The answer being man: the crawling infant, the erect adult, and the infirm elder. And there was its sometime corollary:
What two sisters are they, the first giving birth to the second, and then the second once more to the first?
To which the answer was night and day. Either of those he could answer, and he thought he could manage others of their ilk.
“The question is this,” the sphinx said. “What is my name?”
“Your name?” Gabriel said.
“My name!”
the sphinx screamed, its voice echoing from the walls. “You will know my name. I will
teach
you my name. But—” It put a paw against Gabriel’s chest. “—only when you fail to
guess
my name.”
Rumpelstiltskin, Gabriel wanted to say. Your name is Rumpelstiltskin, and you can spin straw into gold…
Your name. Your name. How in God’s name, you’ll pardon the expression, am I supposed to pull the right answer out of the thousands, the hundreds of thousands, the almost infinite possibilities? This is no riddle! He
wanted to shout it: This is a fix-up, a fraud, a pretext for slaughter!
But no—it wouldn’t be. If the beast had wanted merely to kill them it could have. If it really had the power it claimed, it could have slaughtered all humanity at any time. It needed no pretext. If instead of killing it had asked this question, there had to be a way to answer it—a clue, a hint…something. Gabriel thought back to his first glimpse of the Sphinx in Egypt, the great and terrible Abul-Hôl, looming in the night. He thought back to the inscriptions, to their talk of a divine or holy treasure, and to the statues into whose flanks they were carved—which statues, with their impossible degree of sculptural perfection, must, he now knew, have been actual, living sphinxes once. And he thought of the story Tigranes had recounted, of the Theban sphinx’s journeys and her tribulations.
And then suddenly he realized he knew the answer.
“Your name is Fear,” Gabriel said.
The sphinx stepped back, silent.
“You’re their child,” Gabriel said. “The child of the Father of Fear. What else would have been sufficient to bring the men of Taprobane on a voyage halfway around the world? No ordinary treasure would, no mere prize, no artifact. But a sphinx cub, unlawfully bred, the unlawful child of an illicit union—that they could not let alone. They came for you, they found you, and they brought you back here.
You
were the treasure—your father’s divine treasure, your mother’s holy treasure. And then they…what? Punished them? By turning them to stone?”
“They gave her a choice.” The sphinx’s head was bowed, its eyes downcast. “I was tiny then, a newborn practically, no more than a century and a half; but I
remember it as if it were this morning. She could die, or I could.
“They told her my father had already chosen, that they’d left his body deep within his temple, at eternal rest. That he’d gone with her name on his lips. And they showed her a coin, I remember, from his land…”

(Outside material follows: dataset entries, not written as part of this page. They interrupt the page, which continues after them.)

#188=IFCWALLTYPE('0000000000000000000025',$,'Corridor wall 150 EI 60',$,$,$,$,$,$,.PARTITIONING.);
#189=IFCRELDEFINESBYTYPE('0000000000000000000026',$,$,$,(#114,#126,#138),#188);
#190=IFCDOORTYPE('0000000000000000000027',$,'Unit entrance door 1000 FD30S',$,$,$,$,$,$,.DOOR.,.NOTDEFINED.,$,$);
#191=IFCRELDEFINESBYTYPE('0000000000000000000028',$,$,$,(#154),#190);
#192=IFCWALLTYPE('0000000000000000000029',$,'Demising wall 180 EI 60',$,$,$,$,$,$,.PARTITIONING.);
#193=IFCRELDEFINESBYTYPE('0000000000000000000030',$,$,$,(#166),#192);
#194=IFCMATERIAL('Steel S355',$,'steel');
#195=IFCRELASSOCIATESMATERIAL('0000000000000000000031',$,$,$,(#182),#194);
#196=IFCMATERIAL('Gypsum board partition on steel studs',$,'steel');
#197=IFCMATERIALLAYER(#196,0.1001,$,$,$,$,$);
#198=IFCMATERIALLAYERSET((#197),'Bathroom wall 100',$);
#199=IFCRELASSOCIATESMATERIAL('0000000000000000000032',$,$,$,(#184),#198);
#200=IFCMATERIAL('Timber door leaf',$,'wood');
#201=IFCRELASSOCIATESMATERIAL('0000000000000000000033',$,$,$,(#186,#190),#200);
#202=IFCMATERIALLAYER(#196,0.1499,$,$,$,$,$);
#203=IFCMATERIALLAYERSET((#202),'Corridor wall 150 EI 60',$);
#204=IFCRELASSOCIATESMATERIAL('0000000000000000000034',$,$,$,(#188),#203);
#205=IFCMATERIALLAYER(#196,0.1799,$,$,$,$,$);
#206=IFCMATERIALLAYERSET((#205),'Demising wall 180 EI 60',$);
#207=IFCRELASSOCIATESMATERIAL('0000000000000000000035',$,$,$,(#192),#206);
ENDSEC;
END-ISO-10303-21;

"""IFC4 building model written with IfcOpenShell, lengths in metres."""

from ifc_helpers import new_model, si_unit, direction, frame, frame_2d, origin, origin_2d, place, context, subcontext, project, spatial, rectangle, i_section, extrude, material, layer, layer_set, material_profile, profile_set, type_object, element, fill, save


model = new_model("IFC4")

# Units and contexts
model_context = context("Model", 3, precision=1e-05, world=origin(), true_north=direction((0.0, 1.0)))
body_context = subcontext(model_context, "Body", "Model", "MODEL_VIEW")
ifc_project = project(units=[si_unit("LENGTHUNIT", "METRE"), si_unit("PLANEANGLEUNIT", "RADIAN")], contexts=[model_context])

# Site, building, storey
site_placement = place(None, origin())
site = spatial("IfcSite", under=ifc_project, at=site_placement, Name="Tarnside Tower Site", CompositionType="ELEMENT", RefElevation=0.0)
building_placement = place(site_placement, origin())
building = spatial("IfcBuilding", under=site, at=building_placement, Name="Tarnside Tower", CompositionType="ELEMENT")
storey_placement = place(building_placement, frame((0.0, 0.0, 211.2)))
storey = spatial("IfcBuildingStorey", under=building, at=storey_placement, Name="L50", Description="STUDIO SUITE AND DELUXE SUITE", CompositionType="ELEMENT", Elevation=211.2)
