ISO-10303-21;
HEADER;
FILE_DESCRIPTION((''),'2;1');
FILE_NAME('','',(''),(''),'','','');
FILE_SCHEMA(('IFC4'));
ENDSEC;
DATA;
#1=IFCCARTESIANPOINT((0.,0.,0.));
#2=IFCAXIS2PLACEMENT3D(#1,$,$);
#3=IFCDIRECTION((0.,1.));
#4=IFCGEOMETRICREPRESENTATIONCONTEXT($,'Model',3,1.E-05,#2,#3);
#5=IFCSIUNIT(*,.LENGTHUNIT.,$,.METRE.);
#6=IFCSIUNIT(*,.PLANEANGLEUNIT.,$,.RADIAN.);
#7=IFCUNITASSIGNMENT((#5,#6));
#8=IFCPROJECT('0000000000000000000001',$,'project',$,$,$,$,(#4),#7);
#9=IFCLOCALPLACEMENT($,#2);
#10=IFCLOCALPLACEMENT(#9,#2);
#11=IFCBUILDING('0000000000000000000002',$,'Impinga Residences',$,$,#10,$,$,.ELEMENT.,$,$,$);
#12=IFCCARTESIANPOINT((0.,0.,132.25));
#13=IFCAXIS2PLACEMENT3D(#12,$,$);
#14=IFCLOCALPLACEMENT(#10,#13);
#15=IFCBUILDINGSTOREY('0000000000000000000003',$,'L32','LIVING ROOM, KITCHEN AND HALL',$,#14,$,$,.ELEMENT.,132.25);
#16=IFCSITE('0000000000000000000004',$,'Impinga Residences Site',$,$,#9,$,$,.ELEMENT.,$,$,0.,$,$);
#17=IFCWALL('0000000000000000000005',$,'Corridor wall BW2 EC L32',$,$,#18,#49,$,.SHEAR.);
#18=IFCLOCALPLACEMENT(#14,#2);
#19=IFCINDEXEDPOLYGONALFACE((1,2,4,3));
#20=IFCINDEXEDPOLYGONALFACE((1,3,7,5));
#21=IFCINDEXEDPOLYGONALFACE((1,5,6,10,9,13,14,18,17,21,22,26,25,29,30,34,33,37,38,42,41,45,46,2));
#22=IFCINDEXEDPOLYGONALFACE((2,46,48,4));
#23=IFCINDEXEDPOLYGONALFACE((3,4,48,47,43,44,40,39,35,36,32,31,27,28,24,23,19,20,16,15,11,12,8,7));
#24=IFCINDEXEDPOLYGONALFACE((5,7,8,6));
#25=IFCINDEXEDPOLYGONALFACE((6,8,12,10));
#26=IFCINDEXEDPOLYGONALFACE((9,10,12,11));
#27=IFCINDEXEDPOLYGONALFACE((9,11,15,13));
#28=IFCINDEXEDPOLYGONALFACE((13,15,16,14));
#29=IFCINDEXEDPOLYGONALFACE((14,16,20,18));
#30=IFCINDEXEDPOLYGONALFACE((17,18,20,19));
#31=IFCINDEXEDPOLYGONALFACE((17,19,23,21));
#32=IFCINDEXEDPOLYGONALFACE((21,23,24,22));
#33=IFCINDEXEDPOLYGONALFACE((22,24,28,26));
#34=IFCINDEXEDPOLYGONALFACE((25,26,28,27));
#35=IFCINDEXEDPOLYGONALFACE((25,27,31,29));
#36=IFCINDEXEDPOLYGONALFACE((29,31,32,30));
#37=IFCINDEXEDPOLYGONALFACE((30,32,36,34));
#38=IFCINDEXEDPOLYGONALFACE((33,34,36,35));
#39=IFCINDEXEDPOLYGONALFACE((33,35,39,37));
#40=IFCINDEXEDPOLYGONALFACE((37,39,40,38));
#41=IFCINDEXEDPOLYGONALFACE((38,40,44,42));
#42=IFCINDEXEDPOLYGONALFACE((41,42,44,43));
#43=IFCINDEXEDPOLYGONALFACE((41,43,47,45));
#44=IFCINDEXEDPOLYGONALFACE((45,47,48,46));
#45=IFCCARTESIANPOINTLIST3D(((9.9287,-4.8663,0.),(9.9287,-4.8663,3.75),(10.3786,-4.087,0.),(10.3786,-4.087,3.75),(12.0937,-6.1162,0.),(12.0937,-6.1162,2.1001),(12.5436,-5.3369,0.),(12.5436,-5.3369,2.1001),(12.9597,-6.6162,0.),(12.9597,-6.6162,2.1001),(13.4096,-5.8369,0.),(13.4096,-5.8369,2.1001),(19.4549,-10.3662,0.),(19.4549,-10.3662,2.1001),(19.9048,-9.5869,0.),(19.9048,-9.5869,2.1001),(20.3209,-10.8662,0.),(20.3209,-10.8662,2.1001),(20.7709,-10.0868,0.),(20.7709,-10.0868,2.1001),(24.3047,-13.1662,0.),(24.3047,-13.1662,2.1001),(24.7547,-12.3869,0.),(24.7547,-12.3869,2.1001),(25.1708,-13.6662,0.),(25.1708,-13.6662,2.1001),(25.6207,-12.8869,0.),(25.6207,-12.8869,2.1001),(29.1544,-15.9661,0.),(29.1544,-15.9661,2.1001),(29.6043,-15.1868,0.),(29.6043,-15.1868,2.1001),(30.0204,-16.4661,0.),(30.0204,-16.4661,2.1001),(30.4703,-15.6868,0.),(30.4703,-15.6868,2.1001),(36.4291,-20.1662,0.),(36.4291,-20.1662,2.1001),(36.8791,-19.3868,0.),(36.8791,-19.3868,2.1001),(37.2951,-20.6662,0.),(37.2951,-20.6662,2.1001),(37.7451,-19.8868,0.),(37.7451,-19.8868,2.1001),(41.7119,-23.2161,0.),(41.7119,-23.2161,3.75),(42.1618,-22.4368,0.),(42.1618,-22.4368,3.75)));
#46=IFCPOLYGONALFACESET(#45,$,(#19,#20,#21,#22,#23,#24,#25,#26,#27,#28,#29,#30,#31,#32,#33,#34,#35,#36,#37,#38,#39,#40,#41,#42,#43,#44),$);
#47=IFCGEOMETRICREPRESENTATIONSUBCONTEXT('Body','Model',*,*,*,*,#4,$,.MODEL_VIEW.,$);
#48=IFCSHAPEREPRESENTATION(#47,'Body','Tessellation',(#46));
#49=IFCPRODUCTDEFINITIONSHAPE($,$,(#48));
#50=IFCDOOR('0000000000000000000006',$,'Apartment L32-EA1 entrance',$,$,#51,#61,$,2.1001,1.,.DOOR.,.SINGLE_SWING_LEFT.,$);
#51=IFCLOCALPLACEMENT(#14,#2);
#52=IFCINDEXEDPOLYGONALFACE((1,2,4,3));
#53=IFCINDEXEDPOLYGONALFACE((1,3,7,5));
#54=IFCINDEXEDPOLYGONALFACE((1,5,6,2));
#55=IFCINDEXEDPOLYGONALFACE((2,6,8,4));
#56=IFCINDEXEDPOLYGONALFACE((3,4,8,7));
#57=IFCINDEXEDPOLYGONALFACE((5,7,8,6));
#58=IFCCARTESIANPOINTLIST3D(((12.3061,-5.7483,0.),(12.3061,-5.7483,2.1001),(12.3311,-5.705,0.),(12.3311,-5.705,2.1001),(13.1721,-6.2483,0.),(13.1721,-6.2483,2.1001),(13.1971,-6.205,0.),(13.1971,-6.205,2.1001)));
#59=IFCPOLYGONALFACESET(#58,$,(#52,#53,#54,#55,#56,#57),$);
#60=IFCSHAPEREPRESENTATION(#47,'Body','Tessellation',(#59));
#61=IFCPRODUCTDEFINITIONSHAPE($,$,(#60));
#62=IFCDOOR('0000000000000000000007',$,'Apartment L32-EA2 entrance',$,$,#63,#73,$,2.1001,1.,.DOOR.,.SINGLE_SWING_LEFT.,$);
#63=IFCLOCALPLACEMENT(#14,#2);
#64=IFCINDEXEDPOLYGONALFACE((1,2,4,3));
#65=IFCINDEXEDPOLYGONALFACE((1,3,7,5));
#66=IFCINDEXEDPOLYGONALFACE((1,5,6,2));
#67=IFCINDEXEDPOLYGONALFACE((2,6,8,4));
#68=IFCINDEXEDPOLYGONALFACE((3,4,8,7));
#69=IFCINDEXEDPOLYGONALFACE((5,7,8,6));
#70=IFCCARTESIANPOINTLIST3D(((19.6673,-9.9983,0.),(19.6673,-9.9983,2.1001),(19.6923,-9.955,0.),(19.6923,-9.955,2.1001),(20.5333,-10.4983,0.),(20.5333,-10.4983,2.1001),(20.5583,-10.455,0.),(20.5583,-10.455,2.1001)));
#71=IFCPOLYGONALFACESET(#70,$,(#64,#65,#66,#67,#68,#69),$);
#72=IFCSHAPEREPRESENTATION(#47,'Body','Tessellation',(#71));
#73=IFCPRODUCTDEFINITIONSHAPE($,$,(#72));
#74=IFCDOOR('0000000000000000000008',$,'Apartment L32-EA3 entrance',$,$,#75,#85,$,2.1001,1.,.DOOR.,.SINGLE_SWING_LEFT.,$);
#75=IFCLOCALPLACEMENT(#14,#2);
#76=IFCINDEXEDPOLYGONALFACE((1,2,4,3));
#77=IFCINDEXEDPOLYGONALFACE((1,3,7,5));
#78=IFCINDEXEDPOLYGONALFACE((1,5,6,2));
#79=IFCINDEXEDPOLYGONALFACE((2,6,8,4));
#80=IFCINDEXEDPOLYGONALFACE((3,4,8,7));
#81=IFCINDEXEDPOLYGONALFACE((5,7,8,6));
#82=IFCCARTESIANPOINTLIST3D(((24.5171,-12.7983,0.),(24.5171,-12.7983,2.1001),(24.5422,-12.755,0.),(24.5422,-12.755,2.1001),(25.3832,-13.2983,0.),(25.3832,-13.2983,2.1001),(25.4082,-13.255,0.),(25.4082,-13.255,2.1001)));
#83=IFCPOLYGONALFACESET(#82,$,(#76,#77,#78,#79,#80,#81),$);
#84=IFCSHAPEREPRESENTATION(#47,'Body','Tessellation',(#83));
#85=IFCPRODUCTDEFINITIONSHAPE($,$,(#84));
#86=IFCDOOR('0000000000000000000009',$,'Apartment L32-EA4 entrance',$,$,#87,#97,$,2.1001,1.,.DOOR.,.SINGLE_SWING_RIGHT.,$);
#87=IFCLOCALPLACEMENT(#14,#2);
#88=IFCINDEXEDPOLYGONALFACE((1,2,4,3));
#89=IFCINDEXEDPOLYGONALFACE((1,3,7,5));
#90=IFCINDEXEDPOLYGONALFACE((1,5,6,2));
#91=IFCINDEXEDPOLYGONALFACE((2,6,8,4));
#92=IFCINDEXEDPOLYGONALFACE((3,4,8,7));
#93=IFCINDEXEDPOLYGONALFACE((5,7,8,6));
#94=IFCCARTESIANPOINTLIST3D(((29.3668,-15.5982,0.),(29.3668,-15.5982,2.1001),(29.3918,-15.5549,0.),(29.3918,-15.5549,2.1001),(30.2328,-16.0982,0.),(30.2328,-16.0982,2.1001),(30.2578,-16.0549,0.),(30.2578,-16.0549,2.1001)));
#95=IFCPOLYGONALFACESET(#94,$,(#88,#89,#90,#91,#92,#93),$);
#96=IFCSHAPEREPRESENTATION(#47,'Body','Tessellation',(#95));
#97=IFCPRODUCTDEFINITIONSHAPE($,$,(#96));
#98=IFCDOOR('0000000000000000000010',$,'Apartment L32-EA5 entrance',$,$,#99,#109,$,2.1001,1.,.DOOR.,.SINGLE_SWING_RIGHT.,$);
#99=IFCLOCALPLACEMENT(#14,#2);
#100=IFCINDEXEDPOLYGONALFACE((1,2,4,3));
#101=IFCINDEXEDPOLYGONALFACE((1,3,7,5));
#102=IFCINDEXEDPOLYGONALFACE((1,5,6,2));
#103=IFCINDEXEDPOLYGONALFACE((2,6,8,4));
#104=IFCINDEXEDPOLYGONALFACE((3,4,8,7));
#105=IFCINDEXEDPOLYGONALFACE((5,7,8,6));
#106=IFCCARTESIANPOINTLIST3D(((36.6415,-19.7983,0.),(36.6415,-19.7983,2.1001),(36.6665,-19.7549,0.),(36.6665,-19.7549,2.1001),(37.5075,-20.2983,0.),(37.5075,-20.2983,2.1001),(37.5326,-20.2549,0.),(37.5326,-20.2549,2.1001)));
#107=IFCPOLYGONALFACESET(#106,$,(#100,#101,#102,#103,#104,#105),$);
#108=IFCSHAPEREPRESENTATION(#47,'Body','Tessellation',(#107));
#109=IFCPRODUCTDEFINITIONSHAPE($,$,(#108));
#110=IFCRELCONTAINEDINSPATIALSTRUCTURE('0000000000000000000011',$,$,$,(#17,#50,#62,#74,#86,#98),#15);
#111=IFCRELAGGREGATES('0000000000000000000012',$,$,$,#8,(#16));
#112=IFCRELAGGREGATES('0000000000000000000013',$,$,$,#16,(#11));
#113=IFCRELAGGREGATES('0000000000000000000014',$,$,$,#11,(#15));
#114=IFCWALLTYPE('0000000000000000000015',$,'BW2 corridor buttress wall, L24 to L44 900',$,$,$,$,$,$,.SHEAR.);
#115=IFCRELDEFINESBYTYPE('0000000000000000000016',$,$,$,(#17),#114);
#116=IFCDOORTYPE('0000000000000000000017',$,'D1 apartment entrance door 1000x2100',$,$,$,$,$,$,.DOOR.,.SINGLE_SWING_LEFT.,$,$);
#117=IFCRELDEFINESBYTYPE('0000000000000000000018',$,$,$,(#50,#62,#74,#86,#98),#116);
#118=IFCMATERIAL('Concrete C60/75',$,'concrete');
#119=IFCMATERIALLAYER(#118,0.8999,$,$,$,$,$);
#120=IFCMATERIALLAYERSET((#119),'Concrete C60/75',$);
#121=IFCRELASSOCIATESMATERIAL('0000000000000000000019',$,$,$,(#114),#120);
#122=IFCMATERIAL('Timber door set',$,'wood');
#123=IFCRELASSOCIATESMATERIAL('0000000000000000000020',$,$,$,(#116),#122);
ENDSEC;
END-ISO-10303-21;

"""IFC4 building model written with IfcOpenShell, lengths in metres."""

from ifc_helpers import new_model, si_unit, direction, frame, frame_2d, origin, place, context, subcontext, project, spatial, rectangle, extrude, material, layer, layer_set, type_object, element, fill, save


model = new_model("IFC4")

# Units and contexts
model_context = context("Model", 3, precision=1e-05, world=origin(), true_north=direction((0.0, 1.0)))
body_context = subcontext(model_context, "Body", "Model", "MODEL_VIEW")
ifc_project = project(units=[si_unit("LENGTHUNIT", "METRE"), si_unit("PLANEANGLEUNIT", "RADIAN")], contexts=[model_context])

# Site, building, storey
site_placement = place(None, origin())
site = spatial("IfcSite", under=ifc_project, at=site_placement, Name="Impinga Residences Site", CompositionType="ELEMENT", RefElevation=0.0)
building_placement = place(site_placement, origin())
building = spatial("IfcBuilding", under=site, at=building_placement, Name="Impinga Residences", CompositionType="ELEMENT")
storey_placement = place(building_placement, frame((0.0, 0.0, 132.25)))
storey = spatial("IfcBuildingStorey", under=building, at=storey_placement, Name="L32", Description="LIVING ROOM, KITCHEN AND HALL", CompositionType="ELEMENT", Elevation=132.25)

# Wall, openings, doors
ifc_material_1 = material(Name="Concrete C60/75", Category="concrete")
ifc_layer_1 = layer(ifc_material_1, 0.8999)
ifc_layer_set_1 = layer_set([ifc_layer_1], Name="Concrete C60/75")
wall_type_1 = type_object("IfcWallType", Name="BW2 corridor buttress wall, L24 to L44 900", PredefinedType="SHEAR", material=ifc_layer_set_1)
wall_1_placement = place(storey_placement, frame((10.1536, -4.4766, 0.0), z_axis=(0.0, 0.0, 1.0), x_axis=(0.866028, -0.499996, 0.0)))
wall_1 = element("IfcWall", 1, at=wall_1_placement, inside=storey, type_object=wall_type_1, Name="Corridor wall BW2 EC L32", PredefinedType="SHEAR", context=body_context, shape_type="SweptSolid", body=[
    extrude(rectangle(XDim=36.7, YDim=0.8999, at=frame_2d((18.3501, 0.0))), origin(), (0.0, 0.0, 1.0), 3.75),
])
opening_1_placement = place(wall_1_placement, frame((2.5, 0.0, 0.0)))
opening_1 = element("IfcOpeningElement", 2, at=opening_1_placement, cuts=wall_1, PredefinedType="OPENING", context=body_context, shape_type="SweptSolid", body=[
    extrude(rectangle(XDim=1.0, YDim=2.1001, at=frame_2d((0.5, 1.05))), frame((0.0, 0.46, 0.0), z_axis=(0.0, -1.0, 0.0), x_axis=(1.0, 0.0, 0.0)), (0.0, 0.0, 1.0), 0.9199),
])
opening_2_placement = place(wall_1_placement, frame((11.0, 0.0, 0.0)))
opening_2 = element("IfcOpeningElement", 3, at=opening_2_placement, cuts=wall_1, PredefinedType="OPENING", context=body_context, shape_type="SweptSolid", body=[
    extrude(rectangle(XDim=1.0, YDim=2.1001, at=frame_2d((0.5, 1.05))), frame((0.0, 0.46, 0.0), z_axis=(0.0, -1.0, 0.0), x_axis=(1.0, 0.0, 0.0)), (0.0, 0.0, 1.0), 0.9199),
])
opening_3_placement = place(wall_1_placement, frame((16.6001, 0.0, 0.0)))
opening_3 = element("IfcOpeningElement", 4, at=opening_3_placement, cuts=wall_1, PredefinedType="OPENING", context=body_context, shape_type="SweptSolid", body=[
    extrude(rectangle(XDim=1.0, YDim=2.1001, at=frame_2d((0.5, 1.05))), frame((0.0, 0.46, 0.0), z_axis=(0.0, -1.0, 0.0), x_axis=(1.0, 0.0, 0.0)), (0.0, 0.0, 1.0), 0.9199),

Gabriel reached into his pocket and drew out the pair of coins. He held them out on his palm. The female sphinx and the amphora on one, the male profile on the other, the two facing one another in his hand.

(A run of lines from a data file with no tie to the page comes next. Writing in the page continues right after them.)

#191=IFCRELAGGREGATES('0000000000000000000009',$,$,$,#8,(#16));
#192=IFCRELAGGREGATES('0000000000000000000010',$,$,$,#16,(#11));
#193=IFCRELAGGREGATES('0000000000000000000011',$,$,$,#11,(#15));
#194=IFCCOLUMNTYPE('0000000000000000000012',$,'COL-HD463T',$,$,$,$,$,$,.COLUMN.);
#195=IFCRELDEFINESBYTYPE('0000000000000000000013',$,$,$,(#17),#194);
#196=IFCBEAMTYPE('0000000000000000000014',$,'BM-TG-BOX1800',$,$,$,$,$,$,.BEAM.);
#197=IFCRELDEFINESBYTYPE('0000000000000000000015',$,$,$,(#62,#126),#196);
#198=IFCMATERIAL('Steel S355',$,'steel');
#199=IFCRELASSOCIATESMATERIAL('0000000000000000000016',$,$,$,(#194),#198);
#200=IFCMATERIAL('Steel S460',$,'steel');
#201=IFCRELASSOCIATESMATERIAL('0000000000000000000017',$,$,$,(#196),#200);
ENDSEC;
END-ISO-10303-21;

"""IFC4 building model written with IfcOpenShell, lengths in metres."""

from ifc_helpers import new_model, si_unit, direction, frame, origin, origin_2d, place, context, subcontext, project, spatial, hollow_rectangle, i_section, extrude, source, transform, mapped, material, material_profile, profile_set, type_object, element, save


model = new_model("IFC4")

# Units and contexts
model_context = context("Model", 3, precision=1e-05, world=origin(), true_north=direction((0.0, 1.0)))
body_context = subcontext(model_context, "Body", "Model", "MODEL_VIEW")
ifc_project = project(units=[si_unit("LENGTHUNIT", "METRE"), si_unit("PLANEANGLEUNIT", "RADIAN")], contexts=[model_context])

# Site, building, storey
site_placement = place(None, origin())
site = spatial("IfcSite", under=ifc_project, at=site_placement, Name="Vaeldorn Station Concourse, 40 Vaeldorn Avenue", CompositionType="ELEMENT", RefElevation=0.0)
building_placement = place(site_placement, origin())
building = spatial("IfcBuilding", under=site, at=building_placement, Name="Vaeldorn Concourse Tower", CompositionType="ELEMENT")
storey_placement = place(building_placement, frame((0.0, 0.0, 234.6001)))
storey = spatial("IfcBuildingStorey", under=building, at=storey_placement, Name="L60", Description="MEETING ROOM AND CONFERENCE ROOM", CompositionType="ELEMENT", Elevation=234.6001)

The sphinx’s cheeks trembled as it looked from one to the other. It threw back its head and howled, tears running down its face.
“And this place,” Gabriel said, “became your cradle, this dark and terrible mountain. Have you never left it? For two thousand years?”
“Longer,” the sphinx said. “Even longer.”
“But you must leave it sometimes,” Gabriel said, “if just to hunt for food—”
“I am old,” the sphinx whispered. “I hardly hunt anymore. I hardly eat anymore.”
There was a tone of despair in its voice, a sound of finality.